Mlo, a modulator of plant defense and cell death, is a novel calmodulin-binding protein. Isolation and characterization of a rice Mlo homologue.

Transient influx of Ca(2+) constitutes an early event in the signaling cascades that trigger plant defense responses. However, the downstream components of defense-associated Ca(2+) signaling are largely unknown. Because Ca(2+) signals are mediated by Ca(2+)-binding proteins, including calmodulin (CaM), identification and characterization of CaM-binding proteins elicited by pathogens should provide insights into the mechanism by which Ca(2+) regulates defense responses. In this study, we isolated a gene encoding rice Mlo (Oryza sativa Mlo; OsMlo) using a protein-protein interaction-based screening of a cDNA expression library constructed from pathogen-elicited rice suspension cells. OsMlo has a molecular mass of 62 kDa and shares 65% sequence identity and scaffold topology with barley Mlo, a heptahelical transmembrane protein known to function as a negative regulator of broad spectrum disease resistance and leaf cell death. By using gel overlay assays, we showed that OsMlo produced in Escherichia coli binds to soybean CaM isoform-1 (SCaM-1) in a Ca(2+)-dependent manner. We located a 20-amino acid CaM-binding domain (CaMBD) in the OsMlo C-terminal cytoplasmic tail that is necessary and sufficient for Ca(2+)-dependent CaM complex formation. Specific binding of the conserved CaMBD to CaM was corroborated by site-directed mutagenesis, a gel mobility shift assay, and a competition assay with a Ca(2+)/CaM-dependent enzyme. Expression of OsMlo was strongly induced by a fungal pathogen and by plant defense signaling molecules. We propose that binding of Ca(2+)-loaded CaM to the C-terminal tail may be a common feature of Mlo proteins.

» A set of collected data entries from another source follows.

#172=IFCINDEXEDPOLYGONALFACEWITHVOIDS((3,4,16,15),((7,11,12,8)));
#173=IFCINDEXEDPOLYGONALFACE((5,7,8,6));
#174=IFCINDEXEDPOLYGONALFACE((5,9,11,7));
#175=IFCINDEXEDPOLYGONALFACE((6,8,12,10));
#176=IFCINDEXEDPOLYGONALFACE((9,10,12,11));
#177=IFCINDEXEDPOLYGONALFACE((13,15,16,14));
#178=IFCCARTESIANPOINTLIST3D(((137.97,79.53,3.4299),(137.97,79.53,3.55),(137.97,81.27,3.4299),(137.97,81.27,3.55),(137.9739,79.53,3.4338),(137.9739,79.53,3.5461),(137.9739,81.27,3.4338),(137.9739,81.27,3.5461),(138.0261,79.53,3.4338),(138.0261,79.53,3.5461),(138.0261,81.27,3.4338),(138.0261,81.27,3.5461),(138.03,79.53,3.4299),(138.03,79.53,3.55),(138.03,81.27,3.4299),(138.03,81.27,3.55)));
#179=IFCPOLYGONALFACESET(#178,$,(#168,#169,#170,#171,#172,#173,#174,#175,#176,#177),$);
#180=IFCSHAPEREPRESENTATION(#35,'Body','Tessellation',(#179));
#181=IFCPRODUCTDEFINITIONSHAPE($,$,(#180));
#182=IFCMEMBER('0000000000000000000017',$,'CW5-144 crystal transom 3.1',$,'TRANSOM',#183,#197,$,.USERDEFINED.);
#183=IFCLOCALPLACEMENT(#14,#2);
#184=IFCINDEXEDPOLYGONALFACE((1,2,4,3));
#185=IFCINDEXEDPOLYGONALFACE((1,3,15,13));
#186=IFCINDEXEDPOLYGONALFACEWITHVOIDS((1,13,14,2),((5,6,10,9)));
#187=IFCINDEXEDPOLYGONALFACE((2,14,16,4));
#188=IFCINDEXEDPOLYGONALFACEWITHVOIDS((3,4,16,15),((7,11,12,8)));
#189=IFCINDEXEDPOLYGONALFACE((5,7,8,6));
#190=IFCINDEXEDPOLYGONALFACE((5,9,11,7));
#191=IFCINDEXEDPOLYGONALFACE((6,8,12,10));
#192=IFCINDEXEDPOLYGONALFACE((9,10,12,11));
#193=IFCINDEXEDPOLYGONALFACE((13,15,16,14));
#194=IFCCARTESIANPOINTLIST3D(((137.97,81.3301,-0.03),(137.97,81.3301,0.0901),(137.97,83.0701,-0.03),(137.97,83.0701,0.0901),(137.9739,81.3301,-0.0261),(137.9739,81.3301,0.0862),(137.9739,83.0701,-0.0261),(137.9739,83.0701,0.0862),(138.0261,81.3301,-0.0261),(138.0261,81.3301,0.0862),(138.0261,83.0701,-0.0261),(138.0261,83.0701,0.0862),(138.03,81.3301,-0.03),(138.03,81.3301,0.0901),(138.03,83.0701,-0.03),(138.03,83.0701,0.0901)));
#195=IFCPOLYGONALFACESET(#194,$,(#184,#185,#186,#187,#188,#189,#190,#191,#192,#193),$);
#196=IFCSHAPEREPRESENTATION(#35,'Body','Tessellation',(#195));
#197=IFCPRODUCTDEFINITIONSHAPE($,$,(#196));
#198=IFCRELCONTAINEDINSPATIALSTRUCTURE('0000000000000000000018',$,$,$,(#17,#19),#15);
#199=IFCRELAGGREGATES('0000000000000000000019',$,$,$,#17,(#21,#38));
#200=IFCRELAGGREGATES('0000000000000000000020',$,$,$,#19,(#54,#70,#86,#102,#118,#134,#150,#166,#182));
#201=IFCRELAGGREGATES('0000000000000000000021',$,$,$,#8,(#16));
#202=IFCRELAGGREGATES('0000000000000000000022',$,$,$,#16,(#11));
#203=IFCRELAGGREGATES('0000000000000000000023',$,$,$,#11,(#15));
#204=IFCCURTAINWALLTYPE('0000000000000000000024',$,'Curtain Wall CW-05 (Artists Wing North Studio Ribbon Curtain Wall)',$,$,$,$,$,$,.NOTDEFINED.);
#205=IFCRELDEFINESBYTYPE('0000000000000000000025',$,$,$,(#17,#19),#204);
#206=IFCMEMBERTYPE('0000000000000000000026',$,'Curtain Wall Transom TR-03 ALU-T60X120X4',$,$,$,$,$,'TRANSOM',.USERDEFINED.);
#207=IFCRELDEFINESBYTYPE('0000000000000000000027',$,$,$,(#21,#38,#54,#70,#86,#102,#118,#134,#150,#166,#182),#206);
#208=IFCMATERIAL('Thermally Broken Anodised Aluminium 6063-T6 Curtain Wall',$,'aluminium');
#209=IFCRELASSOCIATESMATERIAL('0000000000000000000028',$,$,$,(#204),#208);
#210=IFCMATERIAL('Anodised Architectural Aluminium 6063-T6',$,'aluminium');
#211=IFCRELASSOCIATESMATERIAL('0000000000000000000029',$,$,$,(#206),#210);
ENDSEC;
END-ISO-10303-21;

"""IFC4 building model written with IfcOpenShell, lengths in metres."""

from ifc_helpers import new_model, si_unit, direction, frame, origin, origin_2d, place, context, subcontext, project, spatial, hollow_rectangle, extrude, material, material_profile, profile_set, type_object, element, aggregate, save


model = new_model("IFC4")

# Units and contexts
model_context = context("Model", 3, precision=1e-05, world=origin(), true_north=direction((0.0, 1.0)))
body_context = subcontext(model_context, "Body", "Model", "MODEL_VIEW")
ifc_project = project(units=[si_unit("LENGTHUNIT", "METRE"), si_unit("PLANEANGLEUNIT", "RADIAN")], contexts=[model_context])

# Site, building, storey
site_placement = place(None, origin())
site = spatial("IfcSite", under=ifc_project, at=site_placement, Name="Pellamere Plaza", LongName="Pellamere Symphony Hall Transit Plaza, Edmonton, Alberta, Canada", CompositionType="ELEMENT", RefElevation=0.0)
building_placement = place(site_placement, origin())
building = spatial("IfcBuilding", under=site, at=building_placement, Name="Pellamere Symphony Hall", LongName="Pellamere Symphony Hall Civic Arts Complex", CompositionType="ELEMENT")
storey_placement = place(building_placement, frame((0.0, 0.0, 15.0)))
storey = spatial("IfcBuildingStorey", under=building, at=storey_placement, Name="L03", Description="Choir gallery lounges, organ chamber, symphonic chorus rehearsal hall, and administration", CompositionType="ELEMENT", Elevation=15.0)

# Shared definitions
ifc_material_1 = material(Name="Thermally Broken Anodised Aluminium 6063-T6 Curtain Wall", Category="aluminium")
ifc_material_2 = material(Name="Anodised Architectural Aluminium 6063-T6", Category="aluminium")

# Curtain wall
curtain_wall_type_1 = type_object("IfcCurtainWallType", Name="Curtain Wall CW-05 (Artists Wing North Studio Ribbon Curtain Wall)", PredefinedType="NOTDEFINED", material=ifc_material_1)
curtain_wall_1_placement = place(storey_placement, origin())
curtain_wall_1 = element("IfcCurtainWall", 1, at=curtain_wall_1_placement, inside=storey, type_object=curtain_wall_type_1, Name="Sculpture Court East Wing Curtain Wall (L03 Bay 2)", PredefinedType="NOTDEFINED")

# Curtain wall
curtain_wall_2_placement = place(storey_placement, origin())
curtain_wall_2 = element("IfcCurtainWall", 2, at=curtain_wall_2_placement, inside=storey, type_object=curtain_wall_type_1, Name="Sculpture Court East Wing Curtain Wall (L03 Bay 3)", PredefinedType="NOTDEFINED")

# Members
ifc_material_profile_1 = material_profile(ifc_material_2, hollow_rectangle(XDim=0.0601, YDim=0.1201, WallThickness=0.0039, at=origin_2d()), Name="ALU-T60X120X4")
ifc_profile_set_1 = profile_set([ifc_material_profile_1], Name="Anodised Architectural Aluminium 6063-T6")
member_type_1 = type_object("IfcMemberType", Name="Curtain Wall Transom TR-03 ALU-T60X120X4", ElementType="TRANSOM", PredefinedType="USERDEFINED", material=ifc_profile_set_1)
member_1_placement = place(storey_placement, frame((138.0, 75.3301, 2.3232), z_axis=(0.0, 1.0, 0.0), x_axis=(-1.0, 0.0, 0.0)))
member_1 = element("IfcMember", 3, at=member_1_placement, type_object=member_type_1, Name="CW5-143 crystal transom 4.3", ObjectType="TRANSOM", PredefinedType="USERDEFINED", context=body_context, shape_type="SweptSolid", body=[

Identification of calmodulin isoform-specific binding peptides from a phage-displayed random 22-mer peptide library.

Plants express numerous calmodulin (CaM) isoforms that exhibit differential activation or inhibition of CaM-dependent enzymes in vitro; however, their specificities toward target enzyme/protein binding are uncertain. A random peptide library displaying a 22-mer peptide on a bacteriophage surface was constructed to screen peptides that specifically bind to plant CaM isoforms (soybean calmodulin (ScaM)-1 and SCaM-4 were used in this study) in a Ca2+-dependent manner. The deduced amino acid sequence analyses of the respective 80 phage clones that were independently isolated via affinity panning revealed that SCaM isoforms require distinct amino acid sequences for optimal binding. SCaM-1-binding peptides conform to a 1-5-10 ((FILVW)XXX(FILV) XXXX(FILVW)) motif (where X denotes any amino acid), whereas SCaM-4-binding peptide sequences conform to a 1-8-14 ((FILVW)XXXXXX(FAILVW)XXXXX(FILVW)) motif. These motifs are classified based on the positions of conserved hydrophobic residues. To examine their binding properties further, two representative peptides from each of the SCaM isoform-binding sequences were synthesized and analyzed via gel mobility shift assays, Trp fluorescent spectra analyses, and phosphodiesterase competitive inhibition experiments. The results of these studies suggest that SCaM isoforms possess different binding sequences for optimal target interaction, which therefore may provide a molecular basis for CaM isoform-specific function in plants. Furthermore, the isolated peptide sequences may serve not only as useful CaM-binding sequence references but also as potential reagents for studying CaM isoform-specific function in vivo.